From mboxrd@z Thu Jan  1 00:00:00 1970
Received: from eggs.gnu.org ([2001:4830:134:3::10]:56278)
	by lists.gnu.org with esmtp (Exim 4.71)
	(envelope-from <alex.williamson@redhat.com>) id 1ecYW4-0007rd-Of
	for qemu-devel@nongnu.org; Fri, 19 Jan 2018 10:23:43 -0500
Received: from Debian-exim by eggs.gnu.org with spam-scanned (Exim 4.71)
	(envelope-from <alex.williamson@redhat.com>) id 1ecYW1-00006B-Ek
	for qemu-devel@nongnu.org; Fri, 19 Jan 2018 10:23:40 -0500
Received: from mx1.redhat.com ([209.132.183.28]:55712)
	by eggs.gnu.org with esmtps (TLS1.0:DHE_RSA_AES_256_CBC_SHA1:32)
	(Exim 4.71) (envelope-from <alex.williamson@redhat.com>)
	id 1ecYW1-00005a-4n
	for qemu-devel@nongnu.org; Fri, 19 Jan 2018 10:23:37 -0500
Date: Fri, 19 Jan 2018 08:23:31 -0700
From: Alex Williamson <alex.williamson@redhat.com>
Message-ID: <20180119082331.00701cb0@w520.home>
In-Reply-To: <216083a3-b1a3-27df-ea64-3737dd4b0a36@redhat.com>
References: <20180110190049.5389.12984.stgit@gimli.home>
	<20180110190236.5389.58765.stgit@gimli.home>
	<216083a3-b1a3-27df-ea64-3737dd4b0a36@redhat.com>
MIME-Version: 1.0
Content-Type: text/plain; charset=US-ASCII
Content-Transfer-Encoding: 7bit
Subject: Re: [Qemu-devel] [PATCH v2 5/5] vfio/pci: Allow relocating MSI-X
 MMIO
List-Id: <qemu-devel.nongnu.org>
List-Unsubscribe: <https://lists.nongnu.org/mailman/options/qemu-devel>,
	<mailto:qemu-devel-request@nongnu.org?subject=unsubscribe>
List-Archive: <http://lists.nongnu.org/archive/html/qemu-devel/>
List-Post: <mailto:qemu-devel@nongnu.org>
List-Help: <mailto:qemu-devel-request@nongnu.org?subject=help>
List-Subscribe: <https://lists.nongnu.org/mailman/listinfo/qemu-devel>,
	<mailto:qemu-devel-request@nongnu.org?subject=subscribe>
To: Auger Eric <eric.auger@redhat.com>
Cc: qemu-devel@nongnu.org, aik@ozlabs.ru

Hi Eric,

On Fri, 19 Jan 2018 10:50:53 +0100
Auger Eric <eric.auger@redhat.com> wrote:

> Hi Alex,
> 
> On 10/01/18 20:02, Alex Williamson wrote:
> > Recently proposed vfio-pci kernel changes (v4.16) remove the
> > restriction preventing userspace from mmap'ing PCI BARs in areas
> > overlapping the MSI-X vector table.  This change is primarily intended
> > to benefit host platforms which make use of system page sizes larger
> > than the PCI spec recommendation for alignment of MSI-X data
> > structures (ie. not x86_64).  In the case of POWER systems, the SPAPR
> > spec requires the VM to program MSI-X using hypercalls, rendering the
> > MSI-X vector table unused in the VM view of the device.  However,
> > ARM64 platforms also support 64KB pages and rely on QEMU emulation of
> > MSI-X.  Regardless of the kernel driver allowing mmaps overlapping
> > the MSI-X vector table, emulation of the MSI-X vector table also
> > prevents direct mapping of device MMIO spaces overlapping this page.

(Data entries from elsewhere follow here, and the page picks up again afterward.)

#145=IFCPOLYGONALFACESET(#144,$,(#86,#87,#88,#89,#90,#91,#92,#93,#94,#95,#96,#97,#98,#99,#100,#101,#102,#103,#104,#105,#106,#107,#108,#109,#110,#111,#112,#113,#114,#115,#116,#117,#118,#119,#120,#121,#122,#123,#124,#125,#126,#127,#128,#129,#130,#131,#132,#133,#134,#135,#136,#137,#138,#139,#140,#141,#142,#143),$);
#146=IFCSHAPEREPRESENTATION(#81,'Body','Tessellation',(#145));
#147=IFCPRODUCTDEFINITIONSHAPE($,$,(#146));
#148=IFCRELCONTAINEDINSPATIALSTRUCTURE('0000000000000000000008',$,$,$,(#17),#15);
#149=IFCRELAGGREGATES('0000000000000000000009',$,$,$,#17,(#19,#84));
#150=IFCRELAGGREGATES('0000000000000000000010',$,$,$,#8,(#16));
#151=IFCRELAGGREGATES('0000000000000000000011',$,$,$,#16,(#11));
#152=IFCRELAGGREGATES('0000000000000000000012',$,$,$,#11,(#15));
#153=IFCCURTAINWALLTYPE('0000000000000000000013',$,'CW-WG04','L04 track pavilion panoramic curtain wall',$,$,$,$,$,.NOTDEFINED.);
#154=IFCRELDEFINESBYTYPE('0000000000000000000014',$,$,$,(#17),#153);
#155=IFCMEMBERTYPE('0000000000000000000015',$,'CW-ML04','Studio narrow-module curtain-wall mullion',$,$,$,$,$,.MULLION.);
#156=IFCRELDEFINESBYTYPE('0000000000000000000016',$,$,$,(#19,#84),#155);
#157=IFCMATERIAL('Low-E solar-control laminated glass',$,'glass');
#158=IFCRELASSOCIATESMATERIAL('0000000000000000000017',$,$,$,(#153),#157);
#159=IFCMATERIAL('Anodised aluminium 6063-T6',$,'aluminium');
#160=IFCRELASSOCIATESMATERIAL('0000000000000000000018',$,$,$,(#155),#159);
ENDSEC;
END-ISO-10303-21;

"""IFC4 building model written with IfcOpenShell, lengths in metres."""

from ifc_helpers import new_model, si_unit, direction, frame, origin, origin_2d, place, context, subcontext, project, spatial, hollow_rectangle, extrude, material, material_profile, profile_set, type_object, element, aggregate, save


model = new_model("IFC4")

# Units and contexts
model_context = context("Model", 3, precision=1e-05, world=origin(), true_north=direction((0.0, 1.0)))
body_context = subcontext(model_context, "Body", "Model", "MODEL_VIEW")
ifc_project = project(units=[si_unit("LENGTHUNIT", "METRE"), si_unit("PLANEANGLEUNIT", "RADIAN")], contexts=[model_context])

> > Thanks to the fact that PCI devices have a standard self discovery
> > mechanism, we can try to resolve this by relocating the MSI-X data
> > structures, either by creating a new PCI BAR or extending an existing
> > BAR and updating the MSI-X capability for the new location.  There's
> > even a very slim chance that this could benefit devices which do not
> > adhere to the PCI spec alignment guidelines on x86_64 systems.
> > 
> > This new x-msix-relocation option accepts the following choices:
> > 
> >   off: Disable MSI-X relocation, use native device config (default)
> >   auto: Use a known good combination for the platform/device (none yet)

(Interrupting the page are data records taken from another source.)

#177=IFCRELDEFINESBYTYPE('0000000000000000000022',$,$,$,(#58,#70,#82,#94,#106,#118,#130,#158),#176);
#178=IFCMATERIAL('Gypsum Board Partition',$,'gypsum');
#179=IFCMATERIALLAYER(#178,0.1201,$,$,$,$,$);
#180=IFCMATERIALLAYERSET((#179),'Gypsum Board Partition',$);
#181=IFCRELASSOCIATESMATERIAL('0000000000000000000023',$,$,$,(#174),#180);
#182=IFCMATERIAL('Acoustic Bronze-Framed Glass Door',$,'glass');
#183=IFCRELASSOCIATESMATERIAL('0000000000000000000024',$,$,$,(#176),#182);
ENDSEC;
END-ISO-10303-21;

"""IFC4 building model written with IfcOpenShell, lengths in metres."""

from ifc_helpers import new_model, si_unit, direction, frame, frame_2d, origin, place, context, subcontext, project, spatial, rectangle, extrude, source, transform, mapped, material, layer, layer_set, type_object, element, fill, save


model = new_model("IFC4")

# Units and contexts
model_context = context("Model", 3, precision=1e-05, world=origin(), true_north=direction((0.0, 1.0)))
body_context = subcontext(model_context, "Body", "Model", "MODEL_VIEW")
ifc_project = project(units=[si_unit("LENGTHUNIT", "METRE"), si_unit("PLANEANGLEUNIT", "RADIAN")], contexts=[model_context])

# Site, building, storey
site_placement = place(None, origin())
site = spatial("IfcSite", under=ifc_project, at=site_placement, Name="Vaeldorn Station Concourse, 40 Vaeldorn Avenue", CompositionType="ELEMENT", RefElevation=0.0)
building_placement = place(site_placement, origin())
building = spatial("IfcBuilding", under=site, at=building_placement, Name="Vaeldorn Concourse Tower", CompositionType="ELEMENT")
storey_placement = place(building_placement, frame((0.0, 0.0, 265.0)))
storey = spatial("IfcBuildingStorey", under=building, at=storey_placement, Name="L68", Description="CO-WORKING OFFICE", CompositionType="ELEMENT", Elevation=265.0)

> >   bar0..bar5: Specify the target BAR for MSI-X data structures
> > 
> > If compatible, the target BAR will either be created or extended and
> > the new portion will be used for MSI-X emulation.
> > 
> > The first obvious user question with this option is how to determine
> > whether a given platform and device might benefit from this option.
> > In most cases, the answer is that it won't, especially on x86_64.

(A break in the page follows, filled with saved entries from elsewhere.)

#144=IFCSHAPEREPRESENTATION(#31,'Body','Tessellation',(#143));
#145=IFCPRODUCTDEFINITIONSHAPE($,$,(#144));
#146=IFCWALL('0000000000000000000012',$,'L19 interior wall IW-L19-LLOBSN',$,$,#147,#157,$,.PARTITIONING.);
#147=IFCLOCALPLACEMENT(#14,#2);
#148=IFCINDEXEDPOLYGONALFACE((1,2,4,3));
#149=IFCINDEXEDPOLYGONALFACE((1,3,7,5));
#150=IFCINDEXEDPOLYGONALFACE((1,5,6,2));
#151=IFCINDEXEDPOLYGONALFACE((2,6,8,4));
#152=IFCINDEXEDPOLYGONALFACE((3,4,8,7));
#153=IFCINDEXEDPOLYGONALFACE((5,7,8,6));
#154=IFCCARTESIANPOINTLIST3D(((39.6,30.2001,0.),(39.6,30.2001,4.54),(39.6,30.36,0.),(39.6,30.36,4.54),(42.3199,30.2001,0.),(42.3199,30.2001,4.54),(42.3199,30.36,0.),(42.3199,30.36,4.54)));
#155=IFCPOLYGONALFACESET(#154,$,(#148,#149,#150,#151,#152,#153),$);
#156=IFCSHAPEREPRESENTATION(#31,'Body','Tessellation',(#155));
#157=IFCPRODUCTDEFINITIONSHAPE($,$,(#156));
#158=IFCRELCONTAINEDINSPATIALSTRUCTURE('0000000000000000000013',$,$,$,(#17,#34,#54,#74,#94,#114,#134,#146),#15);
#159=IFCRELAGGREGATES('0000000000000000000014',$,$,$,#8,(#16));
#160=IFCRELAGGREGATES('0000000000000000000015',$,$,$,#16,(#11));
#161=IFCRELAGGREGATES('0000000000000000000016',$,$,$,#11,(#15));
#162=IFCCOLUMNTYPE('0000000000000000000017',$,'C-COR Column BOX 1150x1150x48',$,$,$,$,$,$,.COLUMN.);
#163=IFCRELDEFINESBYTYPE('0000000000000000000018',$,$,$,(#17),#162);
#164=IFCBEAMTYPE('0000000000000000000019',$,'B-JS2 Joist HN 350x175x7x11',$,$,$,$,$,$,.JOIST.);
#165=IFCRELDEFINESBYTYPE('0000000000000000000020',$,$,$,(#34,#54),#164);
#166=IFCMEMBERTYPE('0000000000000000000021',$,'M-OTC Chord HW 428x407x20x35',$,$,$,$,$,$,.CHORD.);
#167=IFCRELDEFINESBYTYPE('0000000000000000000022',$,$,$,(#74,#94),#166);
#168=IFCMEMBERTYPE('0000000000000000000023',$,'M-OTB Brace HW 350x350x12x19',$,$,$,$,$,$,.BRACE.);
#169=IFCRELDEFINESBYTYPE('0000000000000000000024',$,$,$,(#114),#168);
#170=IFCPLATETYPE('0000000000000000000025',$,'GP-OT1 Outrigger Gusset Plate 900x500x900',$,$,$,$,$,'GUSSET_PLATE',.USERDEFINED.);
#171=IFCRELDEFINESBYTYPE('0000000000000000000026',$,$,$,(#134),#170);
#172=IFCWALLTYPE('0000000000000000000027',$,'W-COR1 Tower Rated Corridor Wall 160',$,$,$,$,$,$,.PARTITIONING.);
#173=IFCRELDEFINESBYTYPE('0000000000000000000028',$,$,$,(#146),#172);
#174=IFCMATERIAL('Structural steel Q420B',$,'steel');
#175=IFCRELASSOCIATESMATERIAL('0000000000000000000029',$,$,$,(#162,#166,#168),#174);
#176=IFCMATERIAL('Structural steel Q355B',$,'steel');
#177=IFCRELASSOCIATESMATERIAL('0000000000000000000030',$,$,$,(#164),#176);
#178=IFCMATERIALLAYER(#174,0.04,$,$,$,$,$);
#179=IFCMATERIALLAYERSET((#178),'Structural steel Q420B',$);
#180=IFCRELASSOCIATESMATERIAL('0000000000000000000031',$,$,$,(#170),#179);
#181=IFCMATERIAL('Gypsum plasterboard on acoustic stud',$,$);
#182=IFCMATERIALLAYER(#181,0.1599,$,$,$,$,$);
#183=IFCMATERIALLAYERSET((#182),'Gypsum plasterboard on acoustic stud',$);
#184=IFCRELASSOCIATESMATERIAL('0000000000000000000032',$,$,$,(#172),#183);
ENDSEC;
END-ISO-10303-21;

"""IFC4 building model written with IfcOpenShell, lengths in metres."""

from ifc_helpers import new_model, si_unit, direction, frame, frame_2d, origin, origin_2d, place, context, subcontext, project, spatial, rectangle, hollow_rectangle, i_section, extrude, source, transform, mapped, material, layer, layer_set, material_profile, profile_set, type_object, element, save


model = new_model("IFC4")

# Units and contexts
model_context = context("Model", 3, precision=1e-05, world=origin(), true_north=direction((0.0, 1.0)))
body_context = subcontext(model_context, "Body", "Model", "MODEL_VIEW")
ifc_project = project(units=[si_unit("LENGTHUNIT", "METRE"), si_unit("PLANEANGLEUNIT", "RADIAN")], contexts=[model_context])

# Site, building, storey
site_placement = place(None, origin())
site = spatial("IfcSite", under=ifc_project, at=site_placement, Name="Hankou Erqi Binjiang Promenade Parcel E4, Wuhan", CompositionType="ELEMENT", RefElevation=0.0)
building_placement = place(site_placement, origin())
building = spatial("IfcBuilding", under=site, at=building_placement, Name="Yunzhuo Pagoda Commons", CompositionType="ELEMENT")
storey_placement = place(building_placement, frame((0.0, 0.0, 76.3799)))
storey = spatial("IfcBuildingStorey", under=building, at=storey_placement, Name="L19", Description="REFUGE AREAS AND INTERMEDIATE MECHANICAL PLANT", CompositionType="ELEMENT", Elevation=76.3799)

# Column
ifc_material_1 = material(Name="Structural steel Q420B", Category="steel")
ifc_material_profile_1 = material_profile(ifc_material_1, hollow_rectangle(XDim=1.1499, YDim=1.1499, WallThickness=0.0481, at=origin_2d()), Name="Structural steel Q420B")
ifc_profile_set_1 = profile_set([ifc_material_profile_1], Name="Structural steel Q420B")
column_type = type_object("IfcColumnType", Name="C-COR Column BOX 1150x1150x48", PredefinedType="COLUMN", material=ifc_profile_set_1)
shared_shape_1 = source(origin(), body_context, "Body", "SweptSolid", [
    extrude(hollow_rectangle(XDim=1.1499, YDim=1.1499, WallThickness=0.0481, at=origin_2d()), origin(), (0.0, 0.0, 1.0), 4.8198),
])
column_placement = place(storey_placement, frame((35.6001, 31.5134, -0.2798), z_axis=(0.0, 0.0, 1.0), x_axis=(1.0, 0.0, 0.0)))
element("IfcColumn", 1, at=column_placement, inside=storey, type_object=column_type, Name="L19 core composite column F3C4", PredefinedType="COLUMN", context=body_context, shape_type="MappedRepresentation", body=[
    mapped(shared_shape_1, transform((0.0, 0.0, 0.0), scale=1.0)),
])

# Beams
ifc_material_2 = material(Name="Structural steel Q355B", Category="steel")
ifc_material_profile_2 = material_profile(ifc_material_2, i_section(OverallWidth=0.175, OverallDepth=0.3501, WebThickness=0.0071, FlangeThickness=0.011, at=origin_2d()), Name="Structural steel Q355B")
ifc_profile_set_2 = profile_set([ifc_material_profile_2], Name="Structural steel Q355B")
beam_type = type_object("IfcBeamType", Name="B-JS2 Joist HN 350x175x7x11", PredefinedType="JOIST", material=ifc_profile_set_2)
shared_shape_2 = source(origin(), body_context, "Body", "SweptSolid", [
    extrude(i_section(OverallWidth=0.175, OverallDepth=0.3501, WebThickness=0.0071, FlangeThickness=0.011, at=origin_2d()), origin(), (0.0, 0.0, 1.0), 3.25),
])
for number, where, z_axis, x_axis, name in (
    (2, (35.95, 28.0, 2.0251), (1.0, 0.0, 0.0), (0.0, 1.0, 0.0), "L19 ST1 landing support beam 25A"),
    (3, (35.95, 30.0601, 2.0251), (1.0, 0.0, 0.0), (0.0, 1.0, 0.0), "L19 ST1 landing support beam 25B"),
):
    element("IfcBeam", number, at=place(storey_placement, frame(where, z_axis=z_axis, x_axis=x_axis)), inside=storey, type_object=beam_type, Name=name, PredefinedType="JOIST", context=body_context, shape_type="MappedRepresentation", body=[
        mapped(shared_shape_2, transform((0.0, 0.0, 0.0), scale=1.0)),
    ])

> > Devices often dedicate an entire BAR to MSI-X and therefore no
> > performance sensitive registers overlap the MSI-X area.  Take for
> > example:
> > 
> > # lspci -vvvs 0a:00.0
> > 0a:00.0 Ethernet controller: Intel Corporation I350 Gigabit Network Connection
> > 	...
> > 	Region 0: Memory at db680000 (32-bit, non-prefetchable) [size=512K]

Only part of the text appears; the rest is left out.